Girata un po’ Boston prese l’aereo e si spostò nel Texas. Ci restò per quasi un mese girando di città in città, di ostello in ostello. E così visitò anche il Minnesota, il Nevada e la California.
Tornò a casa dopo due mesi e di questo viaggio ‘avventuroso’ i suoi sapevano poco o niente. Gli aveva detto che sarebbe andata a trovare una amica e che avrebbe vissuto con lei per un paio di mesi. I suoi non erano sciocchi, ma lei era astuta. Riuscì a fare in modo che si bevessero l’enorme bugia, contando anche sul fatto che i suoi l’inglese non lo sapevano.
Lei era fatta così: prendeva ed andava, senza tante preoccupazioni. Non era certo un ‘dono’ che aveva acquisito da sua madre, che passava la maggior parte del tempo a preoccuparsi.

I suoi decisero di ‘scortarla’ in auto fino all’università con la scusa delle valigie e tutto il resto – tra cui gli strumenti musicali.
Il viaggio fu lungo, ma soprattutto stressante. Regnava perennemente un silenzio di tomba e una atmosfera pesante, con la madre che aveva praticamente le lacrime agli occhi.
“Mamma mi vedrai ogni due settimane, non è così un dramma dai” disse ad un certo punto, ma servì a ben poco.


- 2 –

LUI

Lui era il secondo di sette fratelli. Nell’epoca in cui più nessuno faceva figli in Italia la sua famiglia era l’eccezione. Però la sua non è mai stata una bella, vera famiglia felice stile “Settimo Cielo”, la fin troppo puritana famiglia americana che incombeva da un decennio negli schermi delle televisioni pubbliche.
Dietro all’impressione della grande famiglia felice, dovuta comunque solo al gran numero di figli, c’era un padre che dominava sua moglie, maltrattandola e picchiandola; non le aveva mai portato rispetto. I sette figli non erano nati per volontà sua, decideva tutto lui. E si comportava allo stesso modo con i suoi figli.
Lui era il primogenito maschio e suo padre pretendeva il massimo da lui; ma non si accorgeva di pretendere troppo.
Il suo nome era Henkka, nome di origine finnica.

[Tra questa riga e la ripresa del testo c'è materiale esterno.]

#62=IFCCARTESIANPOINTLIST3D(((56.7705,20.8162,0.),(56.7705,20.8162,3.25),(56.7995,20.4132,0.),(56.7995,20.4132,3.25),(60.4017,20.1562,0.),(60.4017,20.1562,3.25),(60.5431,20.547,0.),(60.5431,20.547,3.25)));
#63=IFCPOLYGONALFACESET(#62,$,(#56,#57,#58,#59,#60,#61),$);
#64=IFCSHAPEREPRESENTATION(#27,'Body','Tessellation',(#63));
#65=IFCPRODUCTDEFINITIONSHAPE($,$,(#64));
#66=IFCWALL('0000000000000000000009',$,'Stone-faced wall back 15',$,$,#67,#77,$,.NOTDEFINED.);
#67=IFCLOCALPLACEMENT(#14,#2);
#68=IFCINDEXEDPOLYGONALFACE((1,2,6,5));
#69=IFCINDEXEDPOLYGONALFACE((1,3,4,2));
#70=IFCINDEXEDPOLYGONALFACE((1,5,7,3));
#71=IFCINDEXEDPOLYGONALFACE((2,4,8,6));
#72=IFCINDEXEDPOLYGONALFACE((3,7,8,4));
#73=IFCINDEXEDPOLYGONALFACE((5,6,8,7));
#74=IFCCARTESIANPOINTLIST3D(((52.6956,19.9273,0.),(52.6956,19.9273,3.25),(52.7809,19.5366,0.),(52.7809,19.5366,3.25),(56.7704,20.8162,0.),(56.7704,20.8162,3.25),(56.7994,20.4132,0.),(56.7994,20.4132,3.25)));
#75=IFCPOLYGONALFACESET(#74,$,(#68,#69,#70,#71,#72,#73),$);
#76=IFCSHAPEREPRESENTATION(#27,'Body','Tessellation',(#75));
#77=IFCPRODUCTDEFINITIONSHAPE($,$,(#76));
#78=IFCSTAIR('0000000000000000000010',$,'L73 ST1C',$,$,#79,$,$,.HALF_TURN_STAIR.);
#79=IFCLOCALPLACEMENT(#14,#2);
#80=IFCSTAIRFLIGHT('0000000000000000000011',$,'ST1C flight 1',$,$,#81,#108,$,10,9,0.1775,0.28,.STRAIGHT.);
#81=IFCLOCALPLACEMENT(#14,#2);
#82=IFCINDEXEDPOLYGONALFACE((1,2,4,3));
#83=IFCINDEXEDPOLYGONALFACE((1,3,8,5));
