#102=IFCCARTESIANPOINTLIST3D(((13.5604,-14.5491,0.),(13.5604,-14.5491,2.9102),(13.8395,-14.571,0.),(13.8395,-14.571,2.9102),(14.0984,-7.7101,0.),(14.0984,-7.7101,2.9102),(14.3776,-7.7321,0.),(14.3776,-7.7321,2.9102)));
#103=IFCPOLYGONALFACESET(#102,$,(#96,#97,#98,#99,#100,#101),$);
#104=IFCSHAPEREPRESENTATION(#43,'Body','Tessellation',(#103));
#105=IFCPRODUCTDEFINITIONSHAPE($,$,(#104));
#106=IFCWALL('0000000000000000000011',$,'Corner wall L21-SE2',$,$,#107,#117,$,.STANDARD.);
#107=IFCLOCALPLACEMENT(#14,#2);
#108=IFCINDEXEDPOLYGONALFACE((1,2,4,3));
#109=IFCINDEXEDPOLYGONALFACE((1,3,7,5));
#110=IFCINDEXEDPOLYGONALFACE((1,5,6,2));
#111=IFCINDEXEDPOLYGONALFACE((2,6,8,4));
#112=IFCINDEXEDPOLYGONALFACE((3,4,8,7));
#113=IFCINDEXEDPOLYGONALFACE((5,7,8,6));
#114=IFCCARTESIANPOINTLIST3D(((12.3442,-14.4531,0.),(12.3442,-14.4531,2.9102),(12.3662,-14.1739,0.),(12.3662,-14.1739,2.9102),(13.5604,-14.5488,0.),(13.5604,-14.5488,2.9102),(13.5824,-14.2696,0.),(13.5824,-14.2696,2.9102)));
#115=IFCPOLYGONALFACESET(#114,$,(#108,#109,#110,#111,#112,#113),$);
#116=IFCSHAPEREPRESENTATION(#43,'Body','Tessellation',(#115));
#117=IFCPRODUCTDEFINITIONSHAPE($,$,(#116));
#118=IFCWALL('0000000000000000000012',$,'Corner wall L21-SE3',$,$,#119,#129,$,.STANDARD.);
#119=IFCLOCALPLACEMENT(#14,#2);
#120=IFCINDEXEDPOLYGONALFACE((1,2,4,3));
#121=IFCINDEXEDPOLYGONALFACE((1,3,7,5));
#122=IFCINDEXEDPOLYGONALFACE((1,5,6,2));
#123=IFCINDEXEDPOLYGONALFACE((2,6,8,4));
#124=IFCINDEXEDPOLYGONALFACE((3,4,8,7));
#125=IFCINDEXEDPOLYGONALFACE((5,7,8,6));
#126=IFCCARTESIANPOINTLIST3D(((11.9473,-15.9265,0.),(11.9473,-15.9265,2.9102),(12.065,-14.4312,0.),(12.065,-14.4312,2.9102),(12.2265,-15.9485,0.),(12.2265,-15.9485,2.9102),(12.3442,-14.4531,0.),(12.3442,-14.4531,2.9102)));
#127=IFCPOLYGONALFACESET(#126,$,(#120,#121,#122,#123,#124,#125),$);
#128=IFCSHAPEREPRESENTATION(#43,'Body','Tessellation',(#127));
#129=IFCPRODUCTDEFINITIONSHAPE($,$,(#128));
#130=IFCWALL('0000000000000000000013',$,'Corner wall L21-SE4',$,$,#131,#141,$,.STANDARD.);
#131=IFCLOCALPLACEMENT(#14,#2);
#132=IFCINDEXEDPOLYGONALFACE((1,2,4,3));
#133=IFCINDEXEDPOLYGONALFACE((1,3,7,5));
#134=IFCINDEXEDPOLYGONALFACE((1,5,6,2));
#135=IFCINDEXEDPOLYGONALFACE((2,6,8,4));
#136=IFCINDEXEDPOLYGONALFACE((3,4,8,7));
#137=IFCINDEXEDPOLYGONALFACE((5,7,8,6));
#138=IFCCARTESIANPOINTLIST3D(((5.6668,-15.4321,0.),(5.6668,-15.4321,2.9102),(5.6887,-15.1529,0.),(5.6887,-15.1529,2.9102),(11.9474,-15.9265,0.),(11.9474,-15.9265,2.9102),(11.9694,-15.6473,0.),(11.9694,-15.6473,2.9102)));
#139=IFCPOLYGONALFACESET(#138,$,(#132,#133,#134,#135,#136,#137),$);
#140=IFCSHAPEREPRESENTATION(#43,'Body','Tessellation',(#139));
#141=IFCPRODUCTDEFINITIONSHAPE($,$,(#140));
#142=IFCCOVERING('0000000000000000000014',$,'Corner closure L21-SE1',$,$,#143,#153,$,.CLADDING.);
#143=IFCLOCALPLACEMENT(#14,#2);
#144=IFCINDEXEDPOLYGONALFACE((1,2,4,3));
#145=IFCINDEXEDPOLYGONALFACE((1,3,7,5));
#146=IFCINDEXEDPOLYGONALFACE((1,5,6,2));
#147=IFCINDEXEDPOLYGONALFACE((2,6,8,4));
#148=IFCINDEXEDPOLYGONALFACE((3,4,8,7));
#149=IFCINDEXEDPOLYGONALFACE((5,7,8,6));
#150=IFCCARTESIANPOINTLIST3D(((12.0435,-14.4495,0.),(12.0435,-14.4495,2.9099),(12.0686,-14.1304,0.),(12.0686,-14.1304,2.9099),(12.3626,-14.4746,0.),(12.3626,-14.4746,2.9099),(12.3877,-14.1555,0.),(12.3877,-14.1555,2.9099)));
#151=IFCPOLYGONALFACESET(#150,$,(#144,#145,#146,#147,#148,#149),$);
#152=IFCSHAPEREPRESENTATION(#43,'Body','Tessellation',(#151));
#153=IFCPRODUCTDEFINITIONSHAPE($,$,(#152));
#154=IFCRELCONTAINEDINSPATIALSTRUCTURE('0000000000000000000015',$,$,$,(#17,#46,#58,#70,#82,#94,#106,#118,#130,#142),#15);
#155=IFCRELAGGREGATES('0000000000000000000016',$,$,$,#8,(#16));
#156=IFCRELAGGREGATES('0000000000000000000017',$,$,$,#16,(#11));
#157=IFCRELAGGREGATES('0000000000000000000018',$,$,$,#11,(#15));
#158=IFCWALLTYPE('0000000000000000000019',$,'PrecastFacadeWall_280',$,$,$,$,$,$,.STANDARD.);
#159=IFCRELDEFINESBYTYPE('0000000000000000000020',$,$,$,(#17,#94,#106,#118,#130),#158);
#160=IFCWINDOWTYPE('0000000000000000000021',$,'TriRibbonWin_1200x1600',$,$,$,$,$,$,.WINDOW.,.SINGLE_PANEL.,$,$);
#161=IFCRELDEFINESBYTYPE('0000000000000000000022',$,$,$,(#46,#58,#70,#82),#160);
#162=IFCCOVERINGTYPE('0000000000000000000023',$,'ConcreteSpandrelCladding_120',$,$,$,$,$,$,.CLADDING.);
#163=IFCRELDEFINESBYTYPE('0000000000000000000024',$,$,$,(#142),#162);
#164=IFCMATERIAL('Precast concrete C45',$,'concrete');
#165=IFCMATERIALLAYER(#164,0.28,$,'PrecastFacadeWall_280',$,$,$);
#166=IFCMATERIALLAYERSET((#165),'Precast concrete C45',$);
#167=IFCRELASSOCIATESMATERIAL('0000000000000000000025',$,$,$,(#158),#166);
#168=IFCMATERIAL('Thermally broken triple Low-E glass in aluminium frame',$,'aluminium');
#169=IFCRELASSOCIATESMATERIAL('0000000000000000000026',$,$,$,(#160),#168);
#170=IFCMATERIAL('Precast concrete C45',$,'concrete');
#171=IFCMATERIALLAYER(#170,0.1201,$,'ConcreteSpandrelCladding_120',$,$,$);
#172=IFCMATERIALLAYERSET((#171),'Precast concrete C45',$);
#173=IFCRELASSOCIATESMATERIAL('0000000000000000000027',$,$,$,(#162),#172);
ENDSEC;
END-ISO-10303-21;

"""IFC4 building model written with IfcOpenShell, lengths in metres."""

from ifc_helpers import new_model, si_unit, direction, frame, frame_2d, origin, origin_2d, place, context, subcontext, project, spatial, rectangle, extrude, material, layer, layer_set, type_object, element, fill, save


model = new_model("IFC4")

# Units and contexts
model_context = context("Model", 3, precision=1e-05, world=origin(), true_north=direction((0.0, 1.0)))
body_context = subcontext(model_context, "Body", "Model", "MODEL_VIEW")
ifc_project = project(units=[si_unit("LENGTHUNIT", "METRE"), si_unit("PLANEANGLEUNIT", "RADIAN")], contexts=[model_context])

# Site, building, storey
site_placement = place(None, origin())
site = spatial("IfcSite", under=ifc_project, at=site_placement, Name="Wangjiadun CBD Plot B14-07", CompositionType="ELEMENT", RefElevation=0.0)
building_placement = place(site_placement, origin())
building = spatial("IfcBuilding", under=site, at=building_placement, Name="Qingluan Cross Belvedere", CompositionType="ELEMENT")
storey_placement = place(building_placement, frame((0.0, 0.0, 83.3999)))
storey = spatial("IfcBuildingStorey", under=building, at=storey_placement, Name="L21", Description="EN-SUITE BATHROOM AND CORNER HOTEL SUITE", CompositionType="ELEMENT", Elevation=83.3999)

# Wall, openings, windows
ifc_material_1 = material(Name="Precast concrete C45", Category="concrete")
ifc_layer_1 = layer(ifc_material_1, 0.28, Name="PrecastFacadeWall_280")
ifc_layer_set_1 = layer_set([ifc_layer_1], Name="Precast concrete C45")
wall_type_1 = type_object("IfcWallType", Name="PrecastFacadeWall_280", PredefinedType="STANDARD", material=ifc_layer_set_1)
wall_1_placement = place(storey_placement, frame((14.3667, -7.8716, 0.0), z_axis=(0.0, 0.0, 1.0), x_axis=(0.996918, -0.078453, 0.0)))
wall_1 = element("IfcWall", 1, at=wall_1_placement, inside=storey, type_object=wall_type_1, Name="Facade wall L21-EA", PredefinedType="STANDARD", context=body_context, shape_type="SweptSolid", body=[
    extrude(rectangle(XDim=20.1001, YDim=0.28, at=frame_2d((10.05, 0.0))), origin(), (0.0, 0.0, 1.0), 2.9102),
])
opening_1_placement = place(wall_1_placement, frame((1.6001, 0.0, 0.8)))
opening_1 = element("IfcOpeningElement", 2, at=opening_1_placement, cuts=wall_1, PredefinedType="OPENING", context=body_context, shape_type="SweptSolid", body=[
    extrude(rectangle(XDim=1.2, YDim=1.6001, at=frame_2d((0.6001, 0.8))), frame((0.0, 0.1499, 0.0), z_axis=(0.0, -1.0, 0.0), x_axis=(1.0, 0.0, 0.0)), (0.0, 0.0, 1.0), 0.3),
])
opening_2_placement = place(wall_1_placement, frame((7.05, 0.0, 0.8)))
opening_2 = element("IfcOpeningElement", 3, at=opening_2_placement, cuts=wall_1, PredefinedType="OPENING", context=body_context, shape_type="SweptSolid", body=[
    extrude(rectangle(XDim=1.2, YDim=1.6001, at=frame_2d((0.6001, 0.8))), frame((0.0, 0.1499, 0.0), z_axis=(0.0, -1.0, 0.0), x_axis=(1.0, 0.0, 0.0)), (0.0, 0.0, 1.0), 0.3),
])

Sua nonna materna, che tanto adorava, era finlandese prima di sposare un italiano. Aveva non solo il nome di un finnico, ma anche i connotati tipicamente nordici: capelli biondi che teneva rigorosamente lunghi, occhi verdi, pelle chiara, alto ma non gigante e di comporatura media. Non aveva mai fatto palestra o altro nella sua vita, ma amava giocatore a calcio, nuotare e giocare a hockey. Tre sport diversi tra loro, ma amava sia complicità con i compagni che comportava il calcio, che era visto come lo sport nazionale, sia l’indivialismo, la solitudine del nuoto in cui in cui puoi contare solo su te stesso. Ci sei solo tu immerso nei tuoi pensieri. Dell’hockey su ghiaccio ammirava come nonostante fosse uno sport duro ci fossero meno infortuni che nel calcio, ad esempio.
Henkka era sempre stato un bravo ragazzo, senza lodi particolari, ma sicuramente il più tranquillo e meno impegnativo dei figli. Eppure questo a suo padre non bastava. Arrivò ad impedirgli di vedere sua nonna; diceva che gli riempiva la testa di stronzate finniche. Henkka invece adorava stare ad ascoltare quello che nonna Marta gli raccontava. Era una tra le persone più colte che conosceva. Sapeva parlare fluentemente più di cinque lingue (italiano, inglese, svedese, finlandese, norvegese e tedesco), aveva una stanza in casa dedicata solo ai libri e poi era una fonte inesauribile di ‘consigli da nonna’. Henkka restava ore ad ascoltarla, che si parlasse del suo passato nella sua terra natale o che si parlasse di storia o letteratura; non faceva differenza. E poi era sicuramente la donna più saggia che conoscesse. Nessuno meglio di lei poteva dargli dei consigli. Fuggiva spesso da casa per poter andare dalla nonna, ma con i tempi le sue fughe diventavano sempre più rare.
Henkka non sopportava suo padre e aveva una pena tremenda per sua madre e sua sorella maggiore, che era l’unica figlia femmina e veniva quindi maltratta, malmenata e derisa perchè donna.
Sua sorella, Alexandra, aveva 2 anni più di lui ed erano sempre andati molto d’accordo. Si somigliavano molto anche fisicamente al contrario degli altri fratelli. Anche lei bionda, tipicamente con tratti nordici; chiunque poteva dedurre che erano fratelli. La somiglianza con gli altri cinque fratelli non era però così lampante. Il terzo genito, Marcus, aveva 3 anni in meno di Henkka e 5 meno di Alex. Era basso, tarchiato con capelli ed occhi scuri. Lui ed Henkka non erano mai andati d’accordo. Quest’ultimo lo chiamava ‘bassotto’ per la sua statura, mentre Marcus non aveva un soprannome specifico per il fratello. Usava vari nomignoli dispregiativi in base al suo umore. Il quarto genito, Andrea, era anch’esso scuro di capelli. Aveva un anno meno di Marcus, 4 meno di Henkka e 6 meno della sorella. Lui era sempre stato più alto del fratello-quasi coetaneo con cui passava tutto il suo tempo. Henkka ed Alexandra a volte usavano chiamarli “Stanllio & Ollio” per via del loro aspetto. Era quasi buffo vederli assieme. Il quinto e sesto genito, due gemelli, Charlie e Carl, ripresero in parte i tratti nordici, con i loro capelli biondi. Infine arriva Stefano, l’ultimo nato, che invece aveva un aspetto mediterraneo con tanto di pelle scura e capelli neri.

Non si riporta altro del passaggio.